By Jeremaiah Opiniano
A US-generated financial crisis is testing overseas Filipino workers’ ability to send cash home, an economist said using government data on remittances.
“If OFWs persist in sending more money, it will not be physically sustainable for them,” Alvin Ang told the OFW Journalism Consortium before monetary authorities reported on August 15 that OFWs sent home a record $1.5 billion in June.
Bangko Sentral ng Pilipinas linked the 30-percent year-on-year remittance growth rate to an increase in the number of Filipinos who left for work abroad from January to June.
BSP cited government recorded more than 600,000 Filipino workers left the country using official channels during the first six months of the year. That figure just above to the total number of oversea contract workers deployed in 1991: 615,019.
While acknowledging the increasing rate of remittance from these Filipinos, Ang warns that remittance flows especially from the United States and the Kingdom of Saudi Arabia are entering a “plateau.”
Using year-on-year total formally-sent cash remittances on a six-month period ending May, Ang said if the growth rate of remittances is below and up to three percent, “that for me is a plateau.”
He cited as example cash from land-based OFWs in the US grew by less than a percent (0.66) to $2.462 billion in the first six months ending May as against the same six-month period in 2007 of $2.446 billion.
Likewise, Ang noted money credited as coming from land-based OFWs in Saudi Arabia in the five-month period ending May this year hit $528.013 million. That amount represents a 1.12 percent growth rate from the $522.156 million sent from Saudi Arabia in the first five months of last year.
While remittances from land-based Filipino workers in these major host countries still rose, Ang said growth rates year-on-year are “not significant increases”.
Even the Philippines’s total monthly remittances are either touching plateau levels or are experiencing negative growth rates, according to Ang (see related story “Monthly remittance data shows downward spikes”).
The country received $1.396 billion in December 2007 but the following month’s remittance declined by 9.52 percent to $1.264 billion and to $1.258 billion in February this year.
Ang said the declining rates may be due to several factors including US inflation and higher oil and commodities prices.He, however, said the effects on remittances from these economic aberrations are not immediate.
“Give it one to one-and-a-half years before we really feel the full effect.”
He noted that cash from OFWs in countries other than the US and Saudi Arabia have been contributing more to the growth rates and helping arrest the decline in cash flow.
Land-based OFWs in Singapore, for example, sent home $0.175 billion during the first five months, or an 81.98-percent growth year-on-year from $95.985 million in the same period last year.

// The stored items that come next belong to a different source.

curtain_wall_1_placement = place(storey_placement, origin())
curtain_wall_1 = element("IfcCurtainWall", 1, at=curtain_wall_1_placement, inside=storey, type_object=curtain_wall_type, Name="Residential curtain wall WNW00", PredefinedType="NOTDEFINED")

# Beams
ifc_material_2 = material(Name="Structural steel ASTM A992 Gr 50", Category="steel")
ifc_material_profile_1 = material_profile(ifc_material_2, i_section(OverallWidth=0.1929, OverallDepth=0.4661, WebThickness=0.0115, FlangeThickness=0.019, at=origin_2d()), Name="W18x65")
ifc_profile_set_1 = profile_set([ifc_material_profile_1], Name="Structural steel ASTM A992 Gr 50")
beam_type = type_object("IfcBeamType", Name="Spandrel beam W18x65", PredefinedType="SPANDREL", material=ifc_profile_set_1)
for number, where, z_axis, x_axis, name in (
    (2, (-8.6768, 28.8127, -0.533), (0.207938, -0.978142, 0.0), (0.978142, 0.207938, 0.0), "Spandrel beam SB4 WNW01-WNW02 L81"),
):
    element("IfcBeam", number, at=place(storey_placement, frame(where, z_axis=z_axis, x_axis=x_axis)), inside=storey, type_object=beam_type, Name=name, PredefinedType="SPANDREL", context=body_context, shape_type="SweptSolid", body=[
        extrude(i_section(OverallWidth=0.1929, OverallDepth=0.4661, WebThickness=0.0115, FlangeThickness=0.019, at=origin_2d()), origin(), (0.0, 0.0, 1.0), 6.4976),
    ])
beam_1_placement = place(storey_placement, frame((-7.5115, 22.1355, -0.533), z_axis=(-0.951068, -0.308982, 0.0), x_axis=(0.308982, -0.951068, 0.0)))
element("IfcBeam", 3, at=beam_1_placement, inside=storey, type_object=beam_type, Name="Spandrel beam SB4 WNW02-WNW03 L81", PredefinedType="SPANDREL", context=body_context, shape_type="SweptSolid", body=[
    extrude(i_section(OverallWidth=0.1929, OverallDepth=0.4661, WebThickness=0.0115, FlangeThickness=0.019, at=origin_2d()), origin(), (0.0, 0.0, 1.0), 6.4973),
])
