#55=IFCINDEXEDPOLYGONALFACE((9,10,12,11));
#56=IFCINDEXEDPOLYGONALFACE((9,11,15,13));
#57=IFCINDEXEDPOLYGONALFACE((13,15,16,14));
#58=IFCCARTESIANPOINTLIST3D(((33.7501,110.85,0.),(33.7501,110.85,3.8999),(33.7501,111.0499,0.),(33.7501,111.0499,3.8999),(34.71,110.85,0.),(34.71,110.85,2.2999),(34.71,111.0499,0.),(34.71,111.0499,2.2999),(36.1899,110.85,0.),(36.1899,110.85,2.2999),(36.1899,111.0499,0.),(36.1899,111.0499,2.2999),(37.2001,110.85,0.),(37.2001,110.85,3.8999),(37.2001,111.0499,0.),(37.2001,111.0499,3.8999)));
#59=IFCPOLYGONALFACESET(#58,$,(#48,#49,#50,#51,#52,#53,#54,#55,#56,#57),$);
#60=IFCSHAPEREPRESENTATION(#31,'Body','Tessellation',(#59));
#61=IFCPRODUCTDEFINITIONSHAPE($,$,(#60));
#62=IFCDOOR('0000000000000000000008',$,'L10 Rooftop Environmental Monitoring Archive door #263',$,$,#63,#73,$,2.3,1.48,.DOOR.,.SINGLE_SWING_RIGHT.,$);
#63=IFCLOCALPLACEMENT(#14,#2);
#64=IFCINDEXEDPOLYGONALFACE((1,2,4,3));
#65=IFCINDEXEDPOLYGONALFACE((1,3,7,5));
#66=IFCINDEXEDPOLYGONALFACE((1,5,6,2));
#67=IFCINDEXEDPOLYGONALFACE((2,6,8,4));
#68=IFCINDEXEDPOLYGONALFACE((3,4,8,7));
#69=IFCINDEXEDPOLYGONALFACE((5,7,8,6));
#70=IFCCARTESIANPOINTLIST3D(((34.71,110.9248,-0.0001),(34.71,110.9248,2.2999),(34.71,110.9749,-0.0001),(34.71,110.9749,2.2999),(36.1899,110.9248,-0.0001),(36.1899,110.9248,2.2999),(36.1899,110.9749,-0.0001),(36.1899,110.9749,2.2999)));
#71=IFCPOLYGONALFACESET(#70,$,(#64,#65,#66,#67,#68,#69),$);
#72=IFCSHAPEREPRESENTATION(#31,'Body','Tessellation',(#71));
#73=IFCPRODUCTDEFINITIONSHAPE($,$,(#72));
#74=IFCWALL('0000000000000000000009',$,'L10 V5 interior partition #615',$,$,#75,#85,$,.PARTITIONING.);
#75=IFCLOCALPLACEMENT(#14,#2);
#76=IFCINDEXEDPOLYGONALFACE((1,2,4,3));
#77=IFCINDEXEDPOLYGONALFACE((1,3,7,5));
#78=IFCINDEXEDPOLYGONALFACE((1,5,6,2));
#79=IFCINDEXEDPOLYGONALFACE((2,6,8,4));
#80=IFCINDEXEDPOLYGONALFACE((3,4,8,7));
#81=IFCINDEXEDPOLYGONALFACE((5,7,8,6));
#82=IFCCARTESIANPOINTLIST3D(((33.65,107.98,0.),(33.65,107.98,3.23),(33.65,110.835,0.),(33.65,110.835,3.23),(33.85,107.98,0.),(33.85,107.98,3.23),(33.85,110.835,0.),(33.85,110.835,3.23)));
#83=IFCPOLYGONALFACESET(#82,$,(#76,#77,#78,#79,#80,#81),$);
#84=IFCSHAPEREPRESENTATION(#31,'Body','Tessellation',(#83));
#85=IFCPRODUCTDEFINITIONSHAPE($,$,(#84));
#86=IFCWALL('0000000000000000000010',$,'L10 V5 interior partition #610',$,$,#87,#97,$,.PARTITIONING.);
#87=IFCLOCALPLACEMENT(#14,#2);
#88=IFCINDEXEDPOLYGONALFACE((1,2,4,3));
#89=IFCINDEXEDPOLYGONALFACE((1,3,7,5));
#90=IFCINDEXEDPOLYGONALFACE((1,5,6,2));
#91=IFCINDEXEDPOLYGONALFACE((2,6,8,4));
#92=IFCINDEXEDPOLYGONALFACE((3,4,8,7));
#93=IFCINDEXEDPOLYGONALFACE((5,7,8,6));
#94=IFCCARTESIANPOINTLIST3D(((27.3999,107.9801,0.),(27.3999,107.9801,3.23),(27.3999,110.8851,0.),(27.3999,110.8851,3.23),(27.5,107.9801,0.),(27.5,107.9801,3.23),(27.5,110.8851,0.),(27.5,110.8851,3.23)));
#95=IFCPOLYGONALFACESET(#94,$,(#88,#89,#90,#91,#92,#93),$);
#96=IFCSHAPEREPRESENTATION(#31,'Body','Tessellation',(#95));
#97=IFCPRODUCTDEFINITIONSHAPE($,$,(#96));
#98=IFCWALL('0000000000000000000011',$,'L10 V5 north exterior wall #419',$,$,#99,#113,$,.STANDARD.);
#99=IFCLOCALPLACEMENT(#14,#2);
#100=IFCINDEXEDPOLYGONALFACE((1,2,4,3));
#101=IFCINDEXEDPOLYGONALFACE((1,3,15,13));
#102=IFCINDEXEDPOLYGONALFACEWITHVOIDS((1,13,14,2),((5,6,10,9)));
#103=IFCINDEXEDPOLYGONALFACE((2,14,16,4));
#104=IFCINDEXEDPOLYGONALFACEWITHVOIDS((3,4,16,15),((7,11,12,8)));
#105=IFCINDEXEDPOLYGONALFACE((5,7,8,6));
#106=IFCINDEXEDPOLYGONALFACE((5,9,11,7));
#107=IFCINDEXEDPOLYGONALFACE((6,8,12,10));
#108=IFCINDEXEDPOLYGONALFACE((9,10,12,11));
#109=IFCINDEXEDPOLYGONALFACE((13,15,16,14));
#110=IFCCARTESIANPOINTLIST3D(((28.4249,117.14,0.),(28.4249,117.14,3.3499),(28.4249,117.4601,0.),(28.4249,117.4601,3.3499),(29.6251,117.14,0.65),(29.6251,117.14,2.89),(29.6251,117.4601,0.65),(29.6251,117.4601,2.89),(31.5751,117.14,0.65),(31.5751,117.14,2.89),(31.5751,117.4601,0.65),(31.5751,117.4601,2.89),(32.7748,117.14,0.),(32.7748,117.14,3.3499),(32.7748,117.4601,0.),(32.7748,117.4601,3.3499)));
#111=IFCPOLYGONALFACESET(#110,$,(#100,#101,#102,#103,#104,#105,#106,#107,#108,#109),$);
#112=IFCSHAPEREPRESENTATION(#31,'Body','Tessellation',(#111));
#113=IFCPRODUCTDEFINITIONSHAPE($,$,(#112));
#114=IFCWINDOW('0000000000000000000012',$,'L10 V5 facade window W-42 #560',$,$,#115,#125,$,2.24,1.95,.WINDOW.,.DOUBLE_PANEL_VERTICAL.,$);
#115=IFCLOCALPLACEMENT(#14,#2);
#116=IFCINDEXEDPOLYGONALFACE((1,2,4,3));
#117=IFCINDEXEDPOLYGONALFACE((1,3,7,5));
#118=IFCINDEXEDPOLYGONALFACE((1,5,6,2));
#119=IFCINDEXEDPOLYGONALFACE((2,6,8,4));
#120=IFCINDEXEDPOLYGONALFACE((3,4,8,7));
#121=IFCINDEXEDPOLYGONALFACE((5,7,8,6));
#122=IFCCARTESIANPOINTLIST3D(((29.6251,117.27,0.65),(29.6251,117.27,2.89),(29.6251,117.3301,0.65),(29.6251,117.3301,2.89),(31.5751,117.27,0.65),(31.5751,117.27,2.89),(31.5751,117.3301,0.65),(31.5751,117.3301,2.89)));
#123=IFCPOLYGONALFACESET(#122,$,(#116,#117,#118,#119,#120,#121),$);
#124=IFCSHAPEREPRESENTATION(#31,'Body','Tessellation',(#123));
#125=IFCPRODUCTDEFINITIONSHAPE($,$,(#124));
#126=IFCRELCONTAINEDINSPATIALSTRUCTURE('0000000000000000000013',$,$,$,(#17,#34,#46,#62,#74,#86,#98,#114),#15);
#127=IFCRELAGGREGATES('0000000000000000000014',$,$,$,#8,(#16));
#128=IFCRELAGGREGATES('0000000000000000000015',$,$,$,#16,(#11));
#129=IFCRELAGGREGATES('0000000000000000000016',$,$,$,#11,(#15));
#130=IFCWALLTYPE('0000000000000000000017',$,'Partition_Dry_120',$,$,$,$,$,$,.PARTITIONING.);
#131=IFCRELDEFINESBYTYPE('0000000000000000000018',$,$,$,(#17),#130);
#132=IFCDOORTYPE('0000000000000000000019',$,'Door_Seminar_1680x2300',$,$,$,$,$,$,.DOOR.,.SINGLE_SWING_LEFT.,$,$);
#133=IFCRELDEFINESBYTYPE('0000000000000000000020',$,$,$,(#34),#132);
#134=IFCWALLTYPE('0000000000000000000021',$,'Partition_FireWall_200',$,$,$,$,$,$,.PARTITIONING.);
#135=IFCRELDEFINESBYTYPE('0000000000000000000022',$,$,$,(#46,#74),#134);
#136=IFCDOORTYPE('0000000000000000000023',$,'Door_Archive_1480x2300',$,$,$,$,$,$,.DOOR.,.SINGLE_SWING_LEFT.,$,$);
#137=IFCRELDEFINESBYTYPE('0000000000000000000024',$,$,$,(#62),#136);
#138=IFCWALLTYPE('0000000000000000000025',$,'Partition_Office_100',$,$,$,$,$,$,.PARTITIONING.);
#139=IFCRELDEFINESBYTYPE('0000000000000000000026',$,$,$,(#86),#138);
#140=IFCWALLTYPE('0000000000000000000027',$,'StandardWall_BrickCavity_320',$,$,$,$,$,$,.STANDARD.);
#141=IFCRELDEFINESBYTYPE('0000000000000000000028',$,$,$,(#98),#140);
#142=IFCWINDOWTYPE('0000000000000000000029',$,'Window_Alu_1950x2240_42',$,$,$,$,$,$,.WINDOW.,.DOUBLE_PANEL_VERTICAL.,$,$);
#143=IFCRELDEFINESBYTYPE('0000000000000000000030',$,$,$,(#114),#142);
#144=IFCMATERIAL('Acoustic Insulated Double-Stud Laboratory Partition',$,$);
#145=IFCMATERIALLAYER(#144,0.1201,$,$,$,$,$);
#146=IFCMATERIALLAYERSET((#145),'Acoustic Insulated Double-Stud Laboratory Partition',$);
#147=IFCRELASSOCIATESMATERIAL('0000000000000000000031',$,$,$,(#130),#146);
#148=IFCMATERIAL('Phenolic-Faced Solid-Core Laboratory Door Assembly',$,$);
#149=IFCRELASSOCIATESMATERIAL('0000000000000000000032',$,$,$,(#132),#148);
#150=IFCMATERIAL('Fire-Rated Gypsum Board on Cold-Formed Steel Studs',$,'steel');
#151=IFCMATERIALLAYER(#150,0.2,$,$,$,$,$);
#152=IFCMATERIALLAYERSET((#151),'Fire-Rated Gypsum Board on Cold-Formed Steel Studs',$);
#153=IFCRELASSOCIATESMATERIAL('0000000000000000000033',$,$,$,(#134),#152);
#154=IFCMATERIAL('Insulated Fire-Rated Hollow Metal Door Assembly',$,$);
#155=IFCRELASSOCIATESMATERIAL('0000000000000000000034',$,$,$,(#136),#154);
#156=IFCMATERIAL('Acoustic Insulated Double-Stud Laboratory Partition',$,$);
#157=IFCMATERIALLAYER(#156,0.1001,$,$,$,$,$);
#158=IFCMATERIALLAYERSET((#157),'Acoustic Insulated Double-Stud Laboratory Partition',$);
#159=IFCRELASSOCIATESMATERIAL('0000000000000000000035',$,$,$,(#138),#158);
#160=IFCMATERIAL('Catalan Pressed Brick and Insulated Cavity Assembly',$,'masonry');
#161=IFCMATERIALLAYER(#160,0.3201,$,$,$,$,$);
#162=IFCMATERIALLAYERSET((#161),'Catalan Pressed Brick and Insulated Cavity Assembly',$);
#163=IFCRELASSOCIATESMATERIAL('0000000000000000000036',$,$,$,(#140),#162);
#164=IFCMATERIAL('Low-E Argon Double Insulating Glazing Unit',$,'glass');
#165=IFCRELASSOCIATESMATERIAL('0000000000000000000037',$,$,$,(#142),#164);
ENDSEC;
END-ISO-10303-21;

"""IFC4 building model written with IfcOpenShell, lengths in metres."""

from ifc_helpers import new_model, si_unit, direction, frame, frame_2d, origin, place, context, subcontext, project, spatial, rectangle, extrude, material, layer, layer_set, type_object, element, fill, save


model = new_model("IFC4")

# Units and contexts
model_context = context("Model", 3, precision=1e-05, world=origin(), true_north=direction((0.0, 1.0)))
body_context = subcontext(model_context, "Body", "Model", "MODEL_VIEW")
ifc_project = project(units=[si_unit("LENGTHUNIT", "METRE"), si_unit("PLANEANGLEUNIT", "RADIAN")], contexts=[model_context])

Filipinos in Canada sent $0.46 billion during the first six months, achieving a year-on-year 70.65-percent growth rate.
Filipinos in Europe, such as Italy (22.11 percent growth rate), Germany (27.22 percent), and the United Kingdom (19.01), also saw their year-on-year five month remittance volumes grow (see Table 2).
ANG said his prognosis on the Philippines’s plateau-level remittance growth rates recalls a basic economic concept: the law of diminishing returns.
There will come a time that remittances from OFWs, whether it’s the overall total or the per-continent or per-country totals, “will go down somewhere,” he said.
Given the weakening dollar, World Bank economists Dilip Ratha and Sanket Mohapatra said rising inflation rate and oil and commodities prices “further (eroded) the purchasing power of remittances” received by Mexico, India, and the Philippines.
In particular, Ratha and Mohapatra noted that while Philippine remittances increased by nearly 50 percent between 2004 and 2007, “[a] large part of this increase has been simply to preserve the purchasing power of recipients since the Philippine peso appreciated by 33 percent against the US dollar.”
OFW remittance to the Philippines hit roughly $14.5 billion last year. It was at $8.5 billion in 2004.
After accounting for the peso’s appreciation and domestic inflation, Philippine remittances increased by only three percent [in the three years beginning 2004],” Ratha and Mohaptra wrote in Remittances Dispatch.
India’s and Mexico’s remittance growth rates after accounting for inflation were 13 and 19 percent, respectively.
While the effects of the world price adjustments are yet to sink in, Ang said he expects Filipinos in many countries would be sending lower amounts of money home.